Das von der Pleite bedrohte Zypern scheint gerettet. Erstmals werden bei der Rettung eines Eurostaats Sparer miteinbezogen. Eine der Aufgaben ist es nun, Pensionsgelder und Firmenkonten vor einem Totalverlust zu retten. Die beiden größten Banken des Landes, die Bank of Cyprus und die Laiki Bank (Cyprus Popular Bank), die im Rahmen der Rettung Zyperns umstrukturiert bzw. abgewickelt werden, bleiben bis Donnerstag geschlossen, alle anderen Banken nun ebenfalls. Ursprünglich hatte es geheißen, dass die kleineren Institute am Dienstag wieder öffnen. Sorgen macht in Zypern aber auch ein Geldabfluss, der eigentlich gar nicht stattfinden dürfte.

Radikalumbau

Kein Zugriff auf die Altersvorsorge, das war Bedingung der Eurogruppe. Nun verschmelzen die strauchelnde Bank of Cyprus und die bankrotte Laiki Bank zu einem Institut. Doch gerade das gefährdet die dort angelegten Pensionsgelder.

Diese Gefahr ergibt sich aus der Sonntagnacht erreichten Krisenlösung selbst. Laiki-Guthaben bis 100.000 Euro werden auf die Bank of Cyprus übertragen und sind gesichert. Der milliardenschwere Rest geht in eine das Geldhaus abwickelnde Bad Bank. Guthaben werden dort mit faulen Krediten und strauchelnden Anleihen verrechnet, was massive Verluste nach sich ziehen dürfte.

Doch auch die Bank-of-Cyprus-Kunden müssen schwitzen. Hält man dort mehr als 100.000 Euro, wird man mit dem Differenzbetrag zwangsweise vom Kunden zum Aktionär seiner Bank. Diese Umwandlung findet so lange statt, bis die Bank neun Prozent Eigenkapital aufweist und damit EU-Standard aufweist.

Äpfel und Birnen

Die Anleger retten ihre Banken also selbst. Die EU-Hilfsgelder in Höhe von maximal zehn Milliarden Euro sollen primär die Staatsschulden stabilisieren. Sie sind nicht für die Banken bestimmt, das war der Eurogruppe wichtig.

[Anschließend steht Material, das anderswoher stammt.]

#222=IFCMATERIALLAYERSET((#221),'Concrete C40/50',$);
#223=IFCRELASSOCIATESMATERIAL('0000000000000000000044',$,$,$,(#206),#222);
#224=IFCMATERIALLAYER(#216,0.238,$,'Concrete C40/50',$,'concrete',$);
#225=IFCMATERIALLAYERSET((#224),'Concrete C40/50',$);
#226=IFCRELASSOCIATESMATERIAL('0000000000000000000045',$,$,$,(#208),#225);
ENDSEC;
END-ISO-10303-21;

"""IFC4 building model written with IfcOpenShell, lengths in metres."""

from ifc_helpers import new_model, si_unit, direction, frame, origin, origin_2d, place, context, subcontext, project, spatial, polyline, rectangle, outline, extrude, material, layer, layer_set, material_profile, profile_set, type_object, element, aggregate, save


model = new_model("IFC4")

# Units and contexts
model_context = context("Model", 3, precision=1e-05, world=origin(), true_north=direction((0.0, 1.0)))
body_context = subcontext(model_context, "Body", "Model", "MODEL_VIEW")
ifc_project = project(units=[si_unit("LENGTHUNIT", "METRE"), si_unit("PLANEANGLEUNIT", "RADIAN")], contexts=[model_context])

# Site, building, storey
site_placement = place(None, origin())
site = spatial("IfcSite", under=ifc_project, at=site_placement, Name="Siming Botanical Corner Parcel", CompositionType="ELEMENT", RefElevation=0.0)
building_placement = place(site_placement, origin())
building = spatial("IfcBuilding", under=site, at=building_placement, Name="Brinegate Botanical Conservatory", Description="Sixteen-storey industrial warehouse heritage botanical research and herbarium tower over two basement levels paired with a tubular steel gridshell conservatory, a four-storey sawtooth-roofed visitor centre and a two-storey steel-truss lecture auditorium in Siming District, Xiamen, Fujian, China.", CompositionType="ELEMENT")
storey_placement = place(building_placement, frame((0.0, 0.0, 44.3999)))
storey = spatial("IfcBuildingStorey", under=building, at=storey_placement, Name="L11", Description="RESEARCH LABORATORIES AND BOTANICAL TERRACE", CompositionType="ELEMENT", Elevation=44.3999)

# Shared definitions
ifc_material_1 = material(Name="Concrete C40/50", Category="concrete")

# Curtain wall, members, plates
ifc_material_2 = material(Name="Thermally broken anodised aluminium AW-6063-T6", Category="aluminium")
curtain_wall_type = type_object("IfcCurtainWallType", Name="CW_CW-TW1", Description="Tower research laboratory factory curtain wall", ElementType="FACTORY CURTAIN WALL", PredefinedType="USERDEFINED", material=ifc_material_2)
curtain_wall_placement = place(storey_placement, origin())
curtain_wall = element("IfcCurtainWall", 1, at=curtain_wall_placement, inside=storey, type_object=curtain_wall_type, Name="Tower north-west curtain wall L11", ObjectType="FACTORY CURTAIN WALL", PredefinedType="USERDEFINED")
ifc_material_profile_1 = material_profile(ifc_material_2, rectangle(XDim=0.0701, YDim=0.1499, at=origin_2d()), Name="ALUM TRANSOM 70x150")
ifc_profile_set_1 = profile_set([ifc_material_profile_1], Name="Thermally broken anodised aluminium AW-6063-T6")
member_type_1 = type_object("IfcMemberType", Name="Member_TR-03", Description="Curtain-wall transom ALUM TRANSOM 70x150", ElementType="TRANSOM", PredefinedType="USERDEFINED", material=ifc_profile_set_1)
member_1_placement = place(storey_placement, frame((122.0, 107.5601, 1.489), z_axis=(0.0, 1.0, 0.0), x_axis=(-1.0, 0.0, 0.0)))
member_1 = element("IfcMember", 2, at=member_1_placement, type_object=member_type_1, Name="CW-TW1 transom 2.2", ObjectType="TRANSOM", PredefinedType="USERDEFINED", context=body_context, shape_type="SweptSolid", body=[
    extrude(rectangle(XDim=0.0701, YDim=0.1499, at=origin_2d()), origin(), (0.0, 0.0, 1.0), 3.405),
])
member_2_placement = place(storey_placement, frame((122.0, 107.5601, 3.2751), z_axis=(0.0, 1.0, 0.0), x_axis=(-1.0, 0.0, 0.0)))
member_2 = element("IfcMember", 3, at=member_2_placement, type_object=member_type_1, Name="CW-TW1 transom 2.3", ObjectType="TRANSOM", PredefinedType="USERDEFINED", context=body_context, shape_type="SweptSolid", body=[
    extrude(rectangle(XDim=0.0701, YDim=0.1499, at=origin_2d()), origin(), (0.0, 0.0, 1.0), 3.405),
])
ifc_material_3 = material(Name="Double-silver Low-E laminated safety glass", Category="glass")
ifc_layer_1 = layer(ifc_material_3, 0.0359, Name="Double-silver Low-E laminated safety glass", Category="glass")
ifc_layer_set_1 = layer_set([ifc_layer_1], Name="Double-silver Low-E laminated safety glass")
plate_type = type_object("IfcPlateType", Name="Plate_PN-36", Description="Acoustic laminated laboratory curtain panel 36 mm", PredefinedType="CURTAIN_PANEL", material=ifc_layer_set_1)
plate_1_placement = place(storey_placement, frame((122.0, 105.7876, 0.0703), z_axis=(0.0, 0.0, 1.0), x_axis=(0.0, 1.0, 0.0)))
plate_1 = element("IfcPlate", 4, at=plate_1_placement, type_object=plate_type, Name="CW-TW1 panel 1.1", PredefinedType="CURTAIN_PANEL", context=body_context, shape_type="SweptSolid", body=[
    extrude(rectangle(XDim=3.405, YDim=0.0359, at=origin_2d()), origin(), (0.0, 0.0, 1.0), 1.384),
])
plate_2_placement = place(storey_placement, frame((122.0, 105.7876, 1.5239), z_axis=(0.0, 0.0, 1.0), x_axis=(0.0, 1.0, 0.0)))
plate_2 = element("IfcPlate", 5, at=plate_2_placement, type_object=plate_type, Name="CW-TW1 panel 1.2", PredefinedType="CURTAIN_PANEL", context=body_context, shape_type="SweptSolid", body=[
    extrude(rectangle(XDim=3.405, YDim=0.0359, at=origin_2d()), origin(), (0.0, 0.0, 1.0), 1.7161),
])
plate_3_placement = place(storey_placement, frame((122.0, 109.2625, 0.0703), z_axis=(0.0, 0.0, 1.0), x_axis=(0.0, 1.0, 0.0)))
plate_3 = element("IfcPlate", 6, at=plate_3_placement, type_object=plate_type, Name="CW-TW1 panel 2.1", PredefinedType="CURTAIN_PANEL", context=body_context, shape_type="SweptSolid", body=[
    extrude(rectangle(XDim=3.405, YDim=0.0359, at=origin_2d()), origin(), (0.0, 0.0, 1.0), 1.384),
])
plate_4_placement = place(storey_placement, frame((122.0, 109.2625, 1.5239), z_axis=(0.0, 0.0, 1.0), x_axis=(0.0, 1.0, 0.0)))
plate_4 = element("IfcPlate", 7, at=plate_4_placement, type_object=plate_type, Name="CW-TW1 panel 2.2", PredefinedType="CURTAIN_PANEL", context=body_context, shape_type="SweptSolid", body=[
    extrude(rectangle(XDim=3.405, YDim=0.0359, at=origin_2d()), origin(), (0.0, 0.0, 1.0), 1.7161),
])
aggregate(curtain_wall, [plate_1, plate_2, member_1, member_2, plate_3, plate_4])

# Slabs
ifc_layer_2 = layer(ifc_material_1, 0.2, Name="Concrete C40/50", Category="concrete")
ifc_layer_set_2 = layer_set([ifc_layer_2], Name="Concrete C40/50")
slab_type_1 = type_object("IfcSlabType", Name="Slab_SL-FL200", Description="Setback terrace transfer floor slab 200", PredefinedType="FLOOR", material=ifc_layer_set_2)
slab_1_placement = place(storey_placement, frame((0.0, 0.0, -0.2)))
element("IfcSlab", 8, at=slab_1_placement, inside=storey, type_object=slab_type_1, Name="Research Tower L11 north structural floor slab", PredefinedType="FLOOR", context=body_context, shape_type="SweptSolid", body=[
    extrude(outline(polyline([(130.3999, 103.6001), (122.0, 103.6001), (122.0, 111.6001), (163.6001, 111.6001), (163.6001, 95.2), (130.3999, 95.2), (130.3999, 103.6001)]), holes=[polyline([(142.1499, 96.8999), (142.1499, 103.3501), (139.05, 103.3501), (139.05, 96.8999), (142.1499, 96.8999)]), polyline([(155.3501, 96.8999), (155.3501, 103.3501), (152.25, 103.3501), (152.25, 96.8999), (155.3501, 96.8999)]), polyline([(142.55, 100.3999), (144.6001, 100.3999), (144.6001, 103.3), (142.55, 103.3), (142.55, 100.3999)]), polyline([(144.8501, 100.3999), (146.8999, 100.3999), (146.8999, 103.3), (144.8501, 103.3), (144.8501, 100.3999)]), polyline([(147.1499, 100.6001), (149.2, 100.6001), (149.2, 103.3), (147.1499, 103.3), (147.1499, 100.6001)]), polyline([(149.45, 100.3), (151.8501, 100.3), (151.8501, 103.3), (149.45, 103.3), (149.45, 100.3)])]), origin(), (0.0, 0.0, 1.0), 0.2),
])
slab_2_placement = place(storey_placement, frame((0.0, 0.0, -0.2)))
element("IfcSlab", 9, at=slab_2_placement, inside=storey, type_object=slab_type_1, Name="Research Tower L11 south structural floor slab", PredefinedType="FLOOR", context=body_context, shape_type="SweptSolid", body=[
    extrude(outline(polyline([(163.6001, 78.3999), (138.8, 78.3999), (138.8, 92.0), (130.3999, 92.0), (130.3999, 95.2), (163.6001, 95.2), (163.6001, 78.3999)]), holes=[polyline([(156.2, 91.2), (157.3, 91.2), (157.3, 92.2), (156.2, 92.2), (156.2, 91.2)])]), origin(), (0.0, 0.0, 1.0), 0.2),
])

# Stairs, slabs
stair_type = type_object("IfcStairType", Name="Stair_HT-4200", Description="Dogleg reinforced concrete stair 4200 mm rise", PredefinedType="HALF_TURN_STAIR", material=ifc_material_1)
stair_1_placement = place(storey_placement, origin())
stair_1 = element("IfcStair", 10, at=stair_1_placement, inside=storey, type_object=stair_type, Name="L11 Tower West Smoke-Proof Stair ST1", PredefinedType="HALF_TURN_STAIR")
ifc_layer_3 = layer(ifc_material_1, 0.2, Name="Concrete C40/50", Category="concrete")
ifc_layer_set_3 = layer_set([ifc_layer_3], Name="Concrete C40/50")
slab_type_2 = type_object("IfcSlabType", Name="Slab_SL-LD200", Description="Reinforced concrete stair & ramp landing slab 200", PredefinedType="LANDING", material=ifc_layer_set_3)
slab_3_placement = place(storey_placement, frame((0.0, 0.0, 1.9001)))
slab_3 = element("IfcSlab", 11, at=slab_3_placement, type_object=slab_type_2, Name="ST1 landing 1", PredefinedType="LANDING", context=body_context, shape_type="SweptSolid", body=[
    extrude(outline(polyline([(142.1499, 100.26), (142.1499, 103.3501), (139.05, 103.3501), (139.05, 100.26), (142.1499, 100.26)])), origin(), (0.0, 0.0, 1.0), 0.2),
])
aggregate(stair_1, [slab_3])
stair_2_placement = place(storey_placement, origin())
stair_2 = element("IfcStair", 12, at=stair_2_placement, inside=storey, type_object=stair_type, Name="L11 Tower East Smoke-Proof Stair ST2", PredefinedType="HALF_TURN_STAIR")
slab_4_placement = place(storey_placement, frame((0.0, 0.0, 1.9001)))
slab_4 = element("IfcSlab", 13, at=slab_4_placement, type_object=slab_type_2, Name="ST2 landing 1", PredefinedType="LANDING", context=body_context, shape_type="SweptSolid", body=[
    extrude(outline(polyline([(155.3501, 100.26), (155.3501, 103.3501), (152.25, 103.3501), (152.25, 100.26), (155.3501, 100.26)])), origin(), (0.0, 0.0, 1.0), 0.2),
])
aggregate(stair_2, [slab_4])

Vor allem Deutschland pochte auf dieses neue Konzept und lehnte eine Lösung, die frisches Geld durch verpfändete Pensionsgelder versprach, ab. Doch gerade die Altersvorsorge ist nun gefährdet. Alleine die 8.500 Angestellten der Laiki Bank haben über ihre Pensionskasse 500 Millionen Euro angespart. Geld, das auch auf Laiki-Konten liegt. Praktisch jeder zypriotische Arbeitnehmer hat über Jahre einen Teil seines Gehalts einer Pensionskasse anvertraut, die es in Bankanleihen investierte und auf Bankkonten deponierte.

Ob sich die zypriotische Zentralbank nun daran machen kann, Pensionsgelder von der Krisenrettung auszunehmen oder etwaige Verluste mit einer Sondersteuer auszugleichen, hängt auch von den europäischen Geldgebern ab und wird Diskussionsstoff für die nächsten Wochen sein.

Realwirtschaft im Gang halten

Bei dieser Gelegenheit wird man auch die Konten zypriotischer Unternehmer ansprechen müssen. Da es sich um keine Einlagen im Sinne des Spargedankens handelt, könnten sie von der Schröpfung ausgenommen werden. Allein, um die Realwirtschaft im Gang zu halten und keine Insolvenzen zu provozieren.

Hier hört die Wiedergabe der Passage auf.